Principles of participation

Be fully open, transparent, and collaborative

All work for the WheelNext solutions is done in the open, with full transparency and collaboration, adhering to the spirit of open source. We welcome participation from all stakeholders and interested parties. We strongly believe that solutions which represent the widest possible consensus will yield the best results, and the most widespread and quickest adoption across the ecosystem. We'll rely on all participants to help improve proposals, implement prototypes and production quality code, and perhaps most of all adopt and spread the word about how these solutions improve your projects and the lives of your users.

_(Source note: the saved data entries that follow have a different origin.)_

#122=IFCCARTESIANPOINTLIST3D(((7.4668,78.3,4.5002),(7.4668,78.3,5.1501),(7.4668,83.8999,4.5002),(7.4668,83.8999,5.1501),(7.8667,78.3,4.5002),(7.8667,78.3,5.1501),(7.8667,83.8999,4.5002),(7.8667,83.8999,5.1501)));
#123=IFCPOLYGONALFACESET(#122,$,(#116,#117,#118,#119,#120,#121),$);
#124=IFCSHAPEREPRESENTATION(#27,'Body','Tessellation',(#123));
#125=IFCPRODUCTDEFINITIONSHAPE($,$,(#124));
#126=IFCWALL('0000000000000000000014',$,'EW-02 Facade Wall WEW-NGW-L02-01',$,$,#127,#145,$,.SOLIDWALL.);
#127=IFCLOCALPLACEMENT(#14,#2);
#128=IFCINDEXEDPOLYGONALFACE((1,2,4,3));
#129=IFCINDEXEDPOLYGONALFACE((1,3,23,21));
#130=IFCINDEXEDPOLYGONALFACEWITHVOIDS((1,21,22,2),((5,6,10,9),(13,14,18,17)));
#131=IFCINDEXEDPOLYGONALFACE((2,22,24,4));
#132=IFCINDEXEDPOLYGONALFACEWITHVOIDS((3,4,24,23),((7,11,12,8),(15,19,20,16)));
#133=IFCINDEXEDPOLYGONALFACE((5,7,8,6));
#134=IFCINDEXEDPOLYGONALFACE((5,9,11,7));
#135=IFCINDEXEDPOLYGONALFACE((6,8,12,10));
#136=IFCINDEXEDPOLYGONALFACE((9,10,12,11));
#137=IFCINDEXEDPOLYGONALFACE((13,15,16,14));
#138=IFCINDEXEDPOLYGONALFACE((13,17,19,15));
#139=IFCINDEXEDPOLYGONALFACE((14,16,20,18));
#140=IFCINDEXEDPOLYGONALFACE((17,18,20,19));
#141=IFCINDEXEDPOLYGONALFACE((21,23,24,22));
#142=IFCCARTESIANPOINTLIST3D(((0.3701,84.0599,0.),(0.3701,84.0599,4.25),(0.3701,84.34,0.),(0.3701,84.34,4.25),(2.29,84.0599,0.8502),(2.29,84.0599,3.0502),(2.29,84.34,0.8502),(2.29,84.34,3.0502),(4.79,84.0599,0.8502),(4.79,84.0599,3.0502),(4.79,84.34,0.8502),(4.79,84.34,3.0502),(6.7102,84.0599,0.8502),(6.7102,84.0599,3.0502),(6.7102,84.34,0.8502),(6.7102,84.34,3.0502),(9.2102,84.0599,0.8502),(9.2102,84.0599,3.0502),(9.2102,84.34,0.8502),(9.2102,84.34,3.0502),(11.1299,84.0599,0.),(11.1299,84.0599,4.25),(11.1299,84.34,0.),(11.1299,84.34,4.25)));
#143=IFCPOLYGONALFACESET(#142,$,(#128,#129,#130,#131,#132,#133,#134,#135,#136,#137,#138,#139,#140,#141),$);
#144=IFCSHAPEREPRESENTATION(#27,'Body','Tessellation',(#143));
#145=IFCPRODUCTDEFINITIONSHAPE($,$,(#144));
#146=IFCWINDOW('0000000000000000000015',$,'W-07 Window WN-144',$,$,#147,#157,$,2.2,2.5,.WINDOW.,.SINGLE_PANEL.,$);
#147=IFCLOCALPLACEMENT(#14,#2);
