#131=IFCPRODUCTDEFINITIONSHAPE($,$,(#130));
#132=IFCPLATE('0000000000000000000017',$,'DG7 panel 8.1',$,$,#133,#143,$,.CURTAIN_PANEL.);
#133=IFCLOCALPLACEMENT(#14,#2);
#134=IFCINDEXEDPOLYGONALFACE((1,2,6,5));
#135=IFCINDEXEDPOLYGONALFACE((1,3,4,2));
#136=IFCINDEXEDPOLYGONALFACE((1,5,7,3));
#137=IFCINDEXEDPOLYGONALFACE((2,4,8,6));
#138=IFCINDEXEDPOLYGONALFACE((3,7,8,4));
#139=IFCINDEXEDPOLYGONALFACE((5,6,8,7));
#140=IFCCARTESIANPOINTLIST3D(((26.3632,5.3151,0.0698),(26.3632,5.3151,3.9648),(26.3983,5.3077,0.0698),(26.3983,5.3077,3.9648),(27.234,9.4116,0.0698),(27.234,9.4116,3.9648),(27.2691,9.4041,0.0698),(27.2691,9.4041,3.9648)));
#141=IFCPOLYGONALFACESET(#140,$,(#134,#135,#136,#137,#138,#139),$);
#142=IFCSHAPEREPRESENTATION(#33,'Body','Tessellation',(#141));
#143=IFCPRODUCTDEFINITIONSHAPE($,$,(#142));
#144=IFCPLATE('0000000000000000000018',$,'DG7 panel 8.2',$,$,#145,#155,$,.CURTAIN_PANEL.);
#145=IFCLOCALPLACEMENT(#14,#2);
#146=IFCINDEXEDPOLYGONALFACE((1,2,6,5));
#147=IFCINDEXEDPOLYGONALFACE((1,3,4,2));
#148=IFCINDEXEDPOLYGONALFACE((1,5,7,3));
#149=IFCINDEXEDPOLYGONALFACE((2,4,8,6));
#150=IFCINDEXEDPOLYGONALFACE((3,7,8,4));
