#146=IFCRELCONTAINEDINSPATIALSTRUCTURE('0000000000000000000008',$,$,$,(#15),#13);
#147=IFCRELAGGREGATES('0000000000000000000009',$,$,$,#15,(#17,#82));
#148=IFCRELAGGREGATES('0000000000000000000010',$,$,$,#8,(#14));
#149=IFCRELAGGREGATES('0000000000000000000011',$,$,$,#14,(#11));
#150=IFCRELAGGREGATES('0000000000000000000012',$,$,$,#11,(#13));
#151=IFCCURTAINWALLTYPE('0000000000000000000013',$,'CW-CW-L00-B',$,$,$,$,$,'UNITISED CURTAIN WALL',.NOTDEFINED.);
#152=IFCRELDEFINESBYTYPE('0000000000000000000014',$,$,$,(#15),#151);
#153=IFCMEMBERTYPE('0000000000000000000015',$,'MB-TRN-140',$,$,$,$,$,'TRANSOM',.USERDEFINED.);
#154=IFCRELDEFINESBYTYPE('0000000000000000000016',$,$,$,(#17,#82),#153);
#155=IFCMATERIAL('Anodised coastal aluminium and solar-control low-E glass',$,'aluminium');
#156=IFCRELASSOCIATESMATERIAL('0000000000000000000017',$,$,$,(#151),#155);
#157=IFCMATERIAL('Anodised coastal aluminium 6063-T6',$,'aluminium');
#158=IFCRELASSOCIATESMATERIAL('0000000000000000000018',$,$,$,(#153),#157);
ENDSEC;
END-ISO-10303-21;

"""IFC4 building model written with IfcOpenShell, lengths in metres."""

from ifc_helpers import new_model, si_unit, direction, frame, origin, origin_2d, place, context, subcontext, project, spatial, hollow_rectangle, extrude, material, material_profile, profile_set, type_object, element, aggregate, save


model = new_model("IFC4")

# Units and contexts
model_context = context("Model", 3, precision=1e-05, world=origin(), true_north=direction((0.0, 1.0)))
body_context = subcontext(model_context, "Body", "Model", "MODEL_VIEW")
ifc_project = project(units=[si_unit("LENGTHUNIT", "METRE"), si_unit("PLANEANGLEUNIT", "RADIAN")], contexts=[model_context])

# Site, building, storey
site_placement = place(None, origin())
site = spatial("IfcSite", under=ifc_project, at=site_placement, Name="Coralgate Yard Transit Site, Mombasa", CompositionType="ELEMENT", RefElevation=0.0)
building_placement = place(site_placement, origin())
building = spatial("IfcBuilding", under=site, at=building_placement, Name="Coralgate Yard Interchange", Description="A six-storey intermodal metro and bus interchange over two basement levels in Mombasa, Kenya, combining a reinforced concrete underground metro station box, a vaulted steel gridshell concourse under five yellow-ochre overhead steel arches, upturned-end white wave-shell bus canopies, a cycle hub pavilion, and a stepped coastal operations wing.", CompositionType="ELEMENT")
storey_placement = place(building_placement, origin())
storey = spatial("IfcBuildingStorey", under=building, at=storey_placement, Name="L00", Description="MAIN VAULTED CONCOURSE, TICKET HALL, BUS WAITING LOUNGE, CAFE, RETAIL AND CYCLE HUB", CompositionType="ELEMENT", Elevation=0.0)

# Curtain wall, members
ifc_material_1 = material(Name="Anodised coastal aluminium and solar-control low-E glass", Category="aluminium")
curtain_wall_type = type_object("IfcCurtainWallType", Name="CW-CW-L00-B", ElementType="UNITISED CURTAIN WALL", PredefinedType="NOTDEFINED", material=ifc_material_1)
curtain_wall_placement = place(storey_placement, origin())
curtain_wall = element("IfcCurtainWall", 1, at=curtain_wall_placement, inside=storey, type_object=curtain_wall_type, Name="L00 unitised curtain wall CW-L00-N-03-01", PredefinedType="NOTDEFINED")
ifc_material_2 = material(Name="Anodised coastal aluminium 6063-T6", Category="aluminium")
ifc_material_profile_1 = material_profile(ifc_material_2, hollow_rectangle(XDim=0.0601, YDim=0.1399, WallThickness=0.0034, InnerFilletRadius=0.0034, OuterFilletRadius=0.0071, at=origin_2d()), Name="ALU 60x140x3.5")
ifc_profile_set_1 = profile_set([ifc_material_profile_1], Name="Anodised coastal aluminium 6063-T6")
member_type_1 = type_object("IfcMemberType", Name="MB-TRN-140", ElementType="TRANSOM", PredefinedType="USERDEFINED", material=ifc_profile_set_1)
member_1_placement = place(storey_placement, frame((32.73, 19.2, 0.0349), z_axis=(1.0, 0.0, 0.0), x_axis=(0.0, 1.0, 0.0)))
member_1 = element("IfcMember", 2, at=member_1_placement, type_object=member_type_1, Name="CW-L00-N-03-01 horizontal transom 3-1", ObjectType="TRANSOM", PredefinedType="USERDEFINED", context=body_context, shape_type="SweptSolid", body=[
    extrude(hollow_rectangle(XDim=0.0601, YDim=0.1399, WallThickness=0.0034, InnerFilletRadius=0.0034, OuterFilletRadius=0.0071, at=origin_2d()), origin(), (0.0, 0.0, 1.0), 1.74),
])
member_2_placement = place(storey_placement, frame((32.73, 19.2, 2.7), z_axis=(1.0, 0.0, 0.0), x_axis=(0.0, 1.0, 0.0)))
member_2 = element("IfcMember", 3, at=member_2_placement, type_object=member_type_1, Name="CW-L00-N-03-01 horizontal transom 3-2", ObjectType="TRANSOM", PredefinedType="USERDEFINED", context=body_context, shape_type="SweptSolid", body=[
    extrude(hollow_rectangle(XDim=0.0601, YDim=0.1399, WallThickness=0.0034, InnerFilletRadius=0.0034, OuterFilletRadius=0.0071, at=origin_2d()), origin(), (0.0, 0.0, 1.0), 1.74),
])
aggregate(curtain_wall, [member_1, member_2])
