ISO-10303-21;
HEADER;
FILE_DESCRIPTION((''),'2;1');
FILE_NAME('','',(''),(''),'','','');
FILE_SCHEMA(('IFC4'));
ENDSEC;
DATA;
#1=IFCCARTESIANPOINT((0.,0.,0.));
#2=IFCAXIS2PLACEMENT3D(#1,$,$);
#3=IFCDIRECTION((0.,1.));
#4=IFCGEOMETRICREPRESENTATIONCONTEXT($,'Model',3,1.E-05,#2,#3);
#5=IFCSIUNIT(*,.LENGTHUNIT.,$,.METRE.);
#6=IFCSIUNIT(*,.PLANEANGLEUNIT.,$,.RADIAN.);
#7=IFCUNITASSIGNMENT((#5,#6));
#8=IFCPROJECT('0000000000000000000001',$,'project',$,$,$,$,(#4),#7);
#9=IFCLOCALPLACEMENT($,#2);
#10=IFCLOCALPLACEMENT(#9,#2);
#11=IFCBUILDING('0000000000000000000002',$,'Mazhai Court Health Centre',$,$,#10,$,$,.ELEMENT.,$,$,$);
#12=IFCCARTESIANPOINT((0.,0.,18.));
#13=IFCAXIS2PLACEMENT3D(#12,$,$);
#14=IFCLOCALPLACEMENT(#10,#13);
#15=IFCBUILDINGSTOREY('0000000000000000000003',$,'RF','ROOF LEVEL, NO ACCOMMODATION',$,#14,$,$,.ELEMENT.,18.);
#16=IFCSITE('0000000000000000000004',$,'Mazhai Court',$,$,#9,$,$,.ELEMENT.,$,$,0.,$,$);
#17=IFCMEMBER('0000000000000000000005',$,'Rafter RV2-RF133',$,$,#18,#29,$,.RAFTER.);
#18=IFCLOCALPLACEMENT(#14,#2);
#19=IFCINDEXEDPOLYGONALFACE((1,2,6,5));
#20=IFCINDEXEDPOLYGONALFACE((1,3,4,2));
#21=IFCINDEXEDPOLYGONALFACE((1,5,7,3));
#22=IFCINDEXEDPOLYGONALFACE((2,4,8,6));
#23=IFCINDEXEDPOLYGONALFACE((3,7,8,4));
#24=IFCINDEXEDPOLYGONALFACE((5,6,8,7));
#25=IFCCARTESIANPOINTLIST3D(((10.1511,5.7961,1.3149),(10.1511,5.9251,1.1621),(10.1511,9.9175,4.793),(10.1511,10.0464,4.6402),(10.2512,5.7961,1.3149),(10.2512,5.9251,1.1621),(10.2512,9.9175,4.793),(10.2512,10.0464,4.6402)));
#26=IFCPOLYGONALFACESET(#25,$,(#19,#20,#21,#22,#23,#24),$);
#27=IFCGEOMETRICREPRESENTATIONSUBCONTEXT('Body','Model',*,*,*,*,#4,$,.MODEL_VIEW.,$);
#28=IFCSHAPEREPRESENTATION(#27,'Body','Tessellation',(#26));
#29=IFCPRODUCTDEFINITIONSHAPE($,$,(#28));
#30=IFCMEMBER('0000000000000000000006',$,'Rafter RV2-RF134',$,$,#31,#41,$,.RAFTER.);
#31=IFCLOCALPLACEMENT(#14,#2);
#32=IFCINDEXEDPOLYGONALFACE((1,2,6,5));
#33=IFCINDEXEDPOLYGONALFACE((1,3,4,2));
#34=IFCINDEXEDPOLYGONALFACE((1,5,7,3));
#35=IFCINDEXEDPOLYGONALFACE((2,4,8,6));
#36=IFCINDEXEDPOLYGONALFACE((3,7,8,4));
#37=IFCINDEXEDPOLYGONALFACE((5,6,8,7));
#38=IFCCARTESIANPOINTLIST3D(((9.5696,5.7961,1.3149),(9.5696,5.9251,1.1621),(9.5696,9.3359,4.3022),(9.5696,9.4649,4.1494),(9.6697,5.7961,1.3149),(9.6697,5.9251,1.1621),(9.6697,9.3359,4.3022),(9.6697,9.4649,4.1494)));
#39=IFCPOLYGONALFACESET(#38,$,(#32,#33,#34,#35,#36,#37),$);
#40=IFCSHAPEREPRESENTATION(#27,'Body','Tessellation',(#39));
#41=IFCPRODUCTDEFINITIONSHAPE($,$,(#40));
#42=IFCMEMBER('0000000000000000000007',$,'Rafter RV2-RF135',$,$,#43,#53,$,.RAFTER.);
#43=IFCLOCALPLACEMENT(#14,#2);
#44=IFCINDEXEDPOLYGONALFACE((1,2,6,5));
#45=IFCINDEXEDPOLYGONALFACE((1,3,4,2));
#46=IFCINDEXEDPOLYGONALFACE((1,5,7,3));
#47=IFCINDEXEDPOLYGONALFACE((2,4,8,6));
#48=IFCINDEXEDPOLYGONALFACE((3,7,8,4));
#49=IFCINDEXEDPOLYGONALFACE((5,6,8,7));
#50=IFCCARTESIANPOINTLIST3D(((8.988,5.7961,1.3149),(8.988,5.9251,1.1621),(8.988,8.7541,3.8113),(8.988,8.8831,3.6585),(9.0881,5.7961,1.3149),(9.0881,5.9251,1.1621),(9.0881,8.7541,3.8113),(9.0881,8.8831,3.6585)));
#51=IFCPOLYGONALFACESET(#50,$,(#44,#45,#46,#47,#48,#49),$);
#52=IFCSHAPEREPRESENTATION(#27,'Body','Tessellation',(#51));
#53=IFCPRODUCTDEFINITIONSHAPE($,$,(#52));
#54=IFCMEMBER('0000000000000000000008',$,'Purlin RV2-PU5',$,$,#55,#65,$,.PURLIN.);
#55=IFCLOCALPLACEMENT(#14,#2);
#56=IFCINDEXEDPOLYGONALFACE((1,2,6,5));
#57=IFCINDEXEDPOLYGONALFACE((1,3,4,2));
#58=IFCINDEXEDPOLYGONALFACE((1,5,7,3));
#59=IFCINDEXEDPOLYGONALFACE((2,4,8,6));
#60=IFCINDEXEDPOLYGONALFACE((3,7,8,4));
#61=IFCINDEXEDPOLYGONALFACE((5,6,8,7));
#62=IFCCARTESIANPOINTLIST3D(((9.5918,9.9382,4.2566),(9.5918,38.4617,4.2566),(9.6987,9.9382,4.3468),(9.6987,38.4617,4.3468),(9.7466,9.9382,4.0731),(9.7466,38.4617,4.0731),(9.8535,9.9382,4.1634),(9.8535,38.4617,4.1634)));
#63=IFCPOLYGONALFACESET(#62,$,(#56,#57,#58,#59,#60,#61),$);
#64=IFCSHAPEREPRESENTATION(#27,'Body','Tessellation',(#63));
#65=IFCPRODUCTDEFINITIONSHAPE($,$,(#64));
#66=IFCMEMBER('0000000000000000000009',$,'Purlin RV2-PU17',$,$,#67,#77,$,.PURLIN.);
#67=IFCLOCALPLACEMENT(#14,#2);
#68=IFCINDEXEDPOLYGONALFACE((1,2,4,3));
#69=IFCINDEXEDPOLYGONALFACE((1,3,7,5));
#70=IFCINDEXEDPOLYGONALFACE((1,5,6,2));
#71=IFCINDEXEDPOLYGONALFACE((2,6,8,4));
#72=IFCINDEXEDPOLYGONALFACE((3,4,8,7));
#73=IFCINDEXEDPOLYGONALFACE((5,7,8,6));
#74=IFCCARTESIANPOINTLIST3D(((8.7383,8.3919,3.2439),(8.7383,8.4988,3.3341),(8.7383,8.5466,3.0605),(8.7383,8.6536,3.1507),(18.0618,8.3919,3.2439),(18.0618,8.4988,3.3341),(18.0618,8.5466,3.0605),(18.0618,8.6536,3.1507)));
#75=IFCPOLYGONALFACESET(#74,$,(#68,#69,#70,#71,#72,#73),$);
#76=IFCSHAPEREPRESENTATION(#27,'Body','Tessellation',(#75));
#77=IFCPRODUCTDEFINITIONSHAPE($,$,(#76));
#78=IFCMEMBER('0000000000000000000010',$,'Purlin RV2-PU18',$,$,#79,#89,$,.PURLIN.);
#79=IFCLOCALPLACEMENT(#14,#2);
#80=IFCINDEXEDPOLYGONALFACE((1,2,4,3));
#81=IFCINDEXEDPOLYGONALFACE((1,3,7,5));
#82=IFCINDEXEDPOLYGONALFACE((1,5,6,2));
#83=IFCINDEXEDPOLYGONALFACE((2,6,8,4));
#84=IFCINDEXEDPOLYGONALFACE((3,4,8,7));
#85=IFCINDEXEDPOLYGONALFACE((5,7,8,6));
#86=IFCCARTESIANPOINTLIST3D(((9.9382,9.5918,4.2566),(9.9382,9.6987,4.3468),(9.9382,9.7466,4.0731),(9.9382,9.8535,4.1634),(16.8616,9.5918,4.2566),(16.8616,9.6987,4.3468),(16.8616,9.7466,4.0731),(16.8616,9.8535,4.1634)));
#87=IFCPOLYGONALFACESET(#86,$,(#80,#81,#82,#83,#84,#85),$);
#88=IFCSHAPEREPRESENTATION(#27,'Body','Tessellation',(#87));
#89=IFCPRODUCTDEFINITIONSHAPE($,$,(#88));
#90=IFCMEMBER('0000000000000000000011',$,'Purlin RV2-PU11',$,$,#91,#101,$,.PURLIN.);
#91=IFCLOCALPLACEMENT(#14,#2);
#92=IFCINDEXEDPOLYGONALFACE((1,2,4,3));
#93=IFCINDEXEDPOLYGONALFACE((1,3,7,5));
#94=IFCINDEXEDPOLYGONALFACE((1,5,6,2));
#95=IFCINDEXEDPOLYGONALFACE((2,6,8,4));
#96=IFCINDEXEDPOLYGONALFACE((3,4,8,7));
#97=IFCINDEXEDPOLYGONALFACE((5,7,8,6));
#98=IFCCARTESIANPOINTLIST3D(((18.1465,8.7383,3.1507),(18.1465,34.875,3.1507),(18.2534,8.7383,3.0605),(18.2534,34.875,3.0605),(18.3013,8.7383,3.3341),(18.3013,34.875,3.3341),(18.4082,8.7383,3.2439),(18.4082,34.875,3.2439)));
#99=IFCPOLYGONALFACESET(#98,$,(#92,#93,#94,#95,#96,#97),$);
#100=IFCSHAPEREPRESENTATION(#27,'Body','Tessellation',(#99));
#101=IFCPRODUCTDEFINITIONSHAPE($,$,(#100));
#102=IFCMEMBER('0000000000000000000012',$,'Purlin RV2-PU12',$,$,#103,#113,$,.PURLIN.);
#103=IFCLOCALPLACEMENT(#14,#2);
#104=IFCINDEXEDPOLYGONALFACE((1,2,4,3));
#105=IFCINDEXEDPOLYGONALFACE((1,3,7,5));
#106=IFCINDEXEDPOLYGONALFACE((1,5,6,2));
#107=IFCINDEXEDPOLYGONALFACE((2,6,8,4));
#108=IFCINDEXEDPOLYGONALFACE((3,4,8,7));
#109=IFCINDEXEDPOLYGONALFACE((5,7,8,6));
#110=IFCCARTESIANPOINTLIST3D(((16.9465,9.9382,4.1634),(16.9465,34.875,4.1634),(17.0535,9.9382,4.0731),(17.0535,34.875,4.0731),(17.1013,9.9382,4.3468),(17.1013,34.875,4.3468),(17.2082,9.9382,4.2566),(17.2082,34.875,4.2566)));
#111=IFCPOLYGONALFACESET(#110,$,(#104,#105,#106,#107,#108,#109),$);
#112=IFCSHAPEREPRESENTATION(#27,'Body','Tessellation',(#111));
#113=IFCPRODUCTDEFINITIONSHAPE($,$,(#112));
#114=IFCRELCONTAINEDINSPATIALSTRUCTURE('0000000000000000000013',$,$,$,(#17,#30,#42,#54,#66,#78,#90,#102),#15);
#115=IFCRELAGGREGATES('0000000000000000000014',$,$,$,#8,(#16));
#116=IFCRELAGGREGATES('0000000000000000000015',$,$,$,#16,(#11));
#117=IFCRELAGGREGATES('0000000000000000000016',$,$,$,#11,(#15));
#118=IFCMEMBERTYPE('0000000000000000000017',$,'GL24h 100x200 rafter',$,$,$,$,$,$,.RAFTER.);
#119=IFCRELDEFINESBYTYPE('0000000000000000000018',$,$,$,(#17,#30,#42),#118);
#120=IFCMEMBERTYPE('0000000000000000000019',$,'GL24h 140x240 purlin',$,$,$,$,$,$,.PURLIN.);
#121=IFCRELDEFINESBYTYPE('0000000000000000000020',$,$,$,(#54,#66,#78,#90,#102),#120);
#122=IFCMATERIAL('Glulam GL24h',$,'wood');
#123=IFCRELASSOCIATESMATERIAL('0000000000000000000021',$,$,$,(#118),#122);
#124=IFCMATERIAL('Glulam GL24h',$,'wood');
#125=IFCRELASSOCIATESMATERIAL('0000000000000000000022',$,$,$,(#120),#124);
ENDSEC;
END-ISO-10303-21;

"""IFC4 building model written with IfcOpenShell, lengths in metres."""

from ifc_helpers import new_model, si_unit, direction, frame, origin, origin_2d, place, context, subcontext, project, spatial, rectangle, extrude, material, material_profile, profile_set, type_object, element, save


model = new_model("IFC4")

# Units and contexts
model_context = context("Model", 3, precision=1e-05, world=origin(), true_north=direction((0.0, 1.0)))
body_context = subcontext(model_context, "Body", "Model", "MODEL_VIEW")
ifc_project = project(units=[si_unit("LENGTHUNIT", "METRE"), si_unit("PLANEANGLEUNIT", "RADIAN")], contexts=[model_context])

# Site, building, storey
site_placement = place(None, origin())
site = spatial("IfcSite", under=ifc_project, at=site_placement, Name="Mazhai Court", CompositionType="ELEMENT", RefElevation=0.0)
building_placement = place(site_placement, origin())
building = spatial("IfcBuilding", under=site, at=building_placement, Name="Mazhai Court Health Centre", CompositionType="ELEMENT")
storey_placement = place(building_placement, frame((0.0, 0.0, 18.0)))
storey = spatial("IfcBuildingStorey", under=building, at=storey_placement, Name="RF", Description="ROOF LEVEL, NO ACCOMMODATION", CompositionType="ELEMENT", Elevation=18.0)

# Members
ifc_material_1 = material(Name="Glulam GL24h", Category="wood")
ifc_material_profile_1 = material_profile(ifc_material_1, rectangle(XDim=0.1001, YDim=0.2, at=origin_2d()), Name="GL24h 100x200")
ifc_profile_set_1 = profile_set([ifc_material_profile_1], Name="Glulam GL24h")
member_type_1 = type_object("IfcMemberType", Name="GL24h 100x200 rafter", PredefinedType="RAFTER", material=ifc_profile_set_1)
member_1_placement = place(storey_placement, frame((10.2012, 5.8606, 1.2385), z_axis=(0.0, 0.764232, 0.644941), x_axis=(-1.0, 0.0, 0.0)))
element("IfcMember", 1, at=member_1_placement, inside=storey, type_object=member_type_1, Name="Rafter RV2-RF133", PredefinedType="RAFTER", context=body_context, shape_type="SweptSolid", body=[
    extrude(rectangle(XDim=0.1001, YDim=0.2, at=origin_2d()), origin(), (0.0, 0.0, 1.0), 5.3928),
])
member_2_placement = place(storey_placement, frame((9.6196, 5.8606, 1.2385), z_axis=(0.0, 0.764227, 0.644947), x_axis=(-1.0, 0.0, 0.0)))
element("IfcMember", 2, at=member_2_placement, inside=storey, type_object=member_type_1, Name="Rafter RV2-RF134", PredefinedType="RAFTER", context=body_context, shape_type="SweptSolid", body=[
    extrude(rectangle(XDim=0.1001, YDim=0.2, at=origin_2d()), origin(), (0.0, 0.0, 1.0), 4.6318),
])
member_3_placement = place(storey_placement, frame((9.0381, 5.8606, 1.2385), z_axis=(0.0, 0.764225, 0.644949), x_axis=(-1.0, 0.0, 0.0)))
element("IfcMember", 3, at=member_3_placement, inside=storey, type_object=member_type_1, Name="Rafter RV2-RF135", PredefinedType="RAFTER", context=body_context, shape_type="SweptSolid", body=[
    extrude(rectangle(XDim=0.1001, YDim=0.2, at=origin_2d()), origin(), (0.0, 0.0, 1.0), 3.8706),
])
ifc_material_2 = material(Name="Glulam GL24h", Category="wood")
ifc_material_profile_2 = material_profile(ifc_material_2, rectangle(XDim=0.1399, YDim=0.24, at=origin_2d()), Name="GL24h 140x240")
ifc_profile_set_2 = profile_set([ifc_material_profile_2], Name="Glulam GL24h")
member_type_2 = type_object("IfcMemberType", Name="GL24h 140x240 purlin", PredefinedType="PURLIN", material=ifc_profile_set_2)
member_4_placement = place(storey_placement, frame((9.7227, 9.9382, 4.21), z_axis=(0.0, 1.0, 0.0), x_axis=(-0.76422, 0.0, -0.644955)))
element("IfcMember", 4, at=member_4_placement, inside=storey, type_object=member_type_2, Name="Purlin RV2-PU5", PredefinedType="PURLIN", context=body_context, shape_type="SweptSolid", body=[
    extrude(rectangle(XDim=0.1399, YDim=0.24, at=origin_2d()), origin(), (0.0, 0.0, 1.0), 28.5234),
])
member_5_placement = place(storey_placement, frame((8.7383, 8.5227, 3.1973), z_axis=(1.0, 0.0, 0.0), x_axis=(0.0, 0.76422, 0.644955)))
element("IfcMember", 5, at=member_5_placement, inside=storey, type_object=member_type_2, Name="Purlin RV2-PU17", PredefinedType="PURLIN", context=body_context, shape_type="SweptSolid", body=[
    extrude(rectangle(XDim=0.1399, YDim=0.24, at=origin_2d()), origin(), (0.0, 0.0, 1.0), 9.3235),
])
member_6_placement = place(storey_placement, frame((9.9382, 9.7227, 4.21), z_axis=(1.0, 0.0, 0.0), x_axis=(0.0, 0.76422, 0.644955)))
element("IfcMember", 6, at=member_6_placement, inside=storey, type_object=member_type_2, Name="Purlin RV2-PU18", PredefinedType="PURLIN", context=body_context, shape_type="SweptSolid", body=[
    extrude(rectangle(XDim=0.1399, YDim=0.24, at=origin_2d()), origin(), (0.0, 0.0, 1.0), 6.9233),
])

Stay positive and keep things moving

It's simply the nature of things for discussions on discuss.python.org (DPO) to go on seemingly forever, with long threads that are difficult to get resolution on. This can be demoralizing, but we encourage you to stay positive! We are making a difference! Try to avoid putting too much Stop Energy into discussions and instead focus on Forward Motion.

Most discussion threads often seem to lose steam and the longer they go on, the more difficult it is for people to keep up on where things stand. Plan to inject timely updates to keep the momentum going. Suggestions include posting periodic summaries of resolved and open issues so that people don't have to scroll all the way to the beginning of a long thread to catch up. Keep good notes of the changes you're making based on the discussion, and post updates outlining the changes. Plan on posting regular status reports about proofs of concept, prototypes, demos, and working code that folks can try. Video demos are nice too! If you've made significant changes to a proposal, don't be afraid to start a new thread to "reboot" the topic.

Code of Conduct

The Python Software Foundation itself publishes a code of conduct which the Python Packaging Authority (PyPA) also adopts.

We strongly believe that it is of the utmost importance to treat each other with respect, and assume each other's best intentions, especially when we disagree! Disagreement can be healthy for reaching consensus on the best solutions, given the complex and myriad constraints we're working with.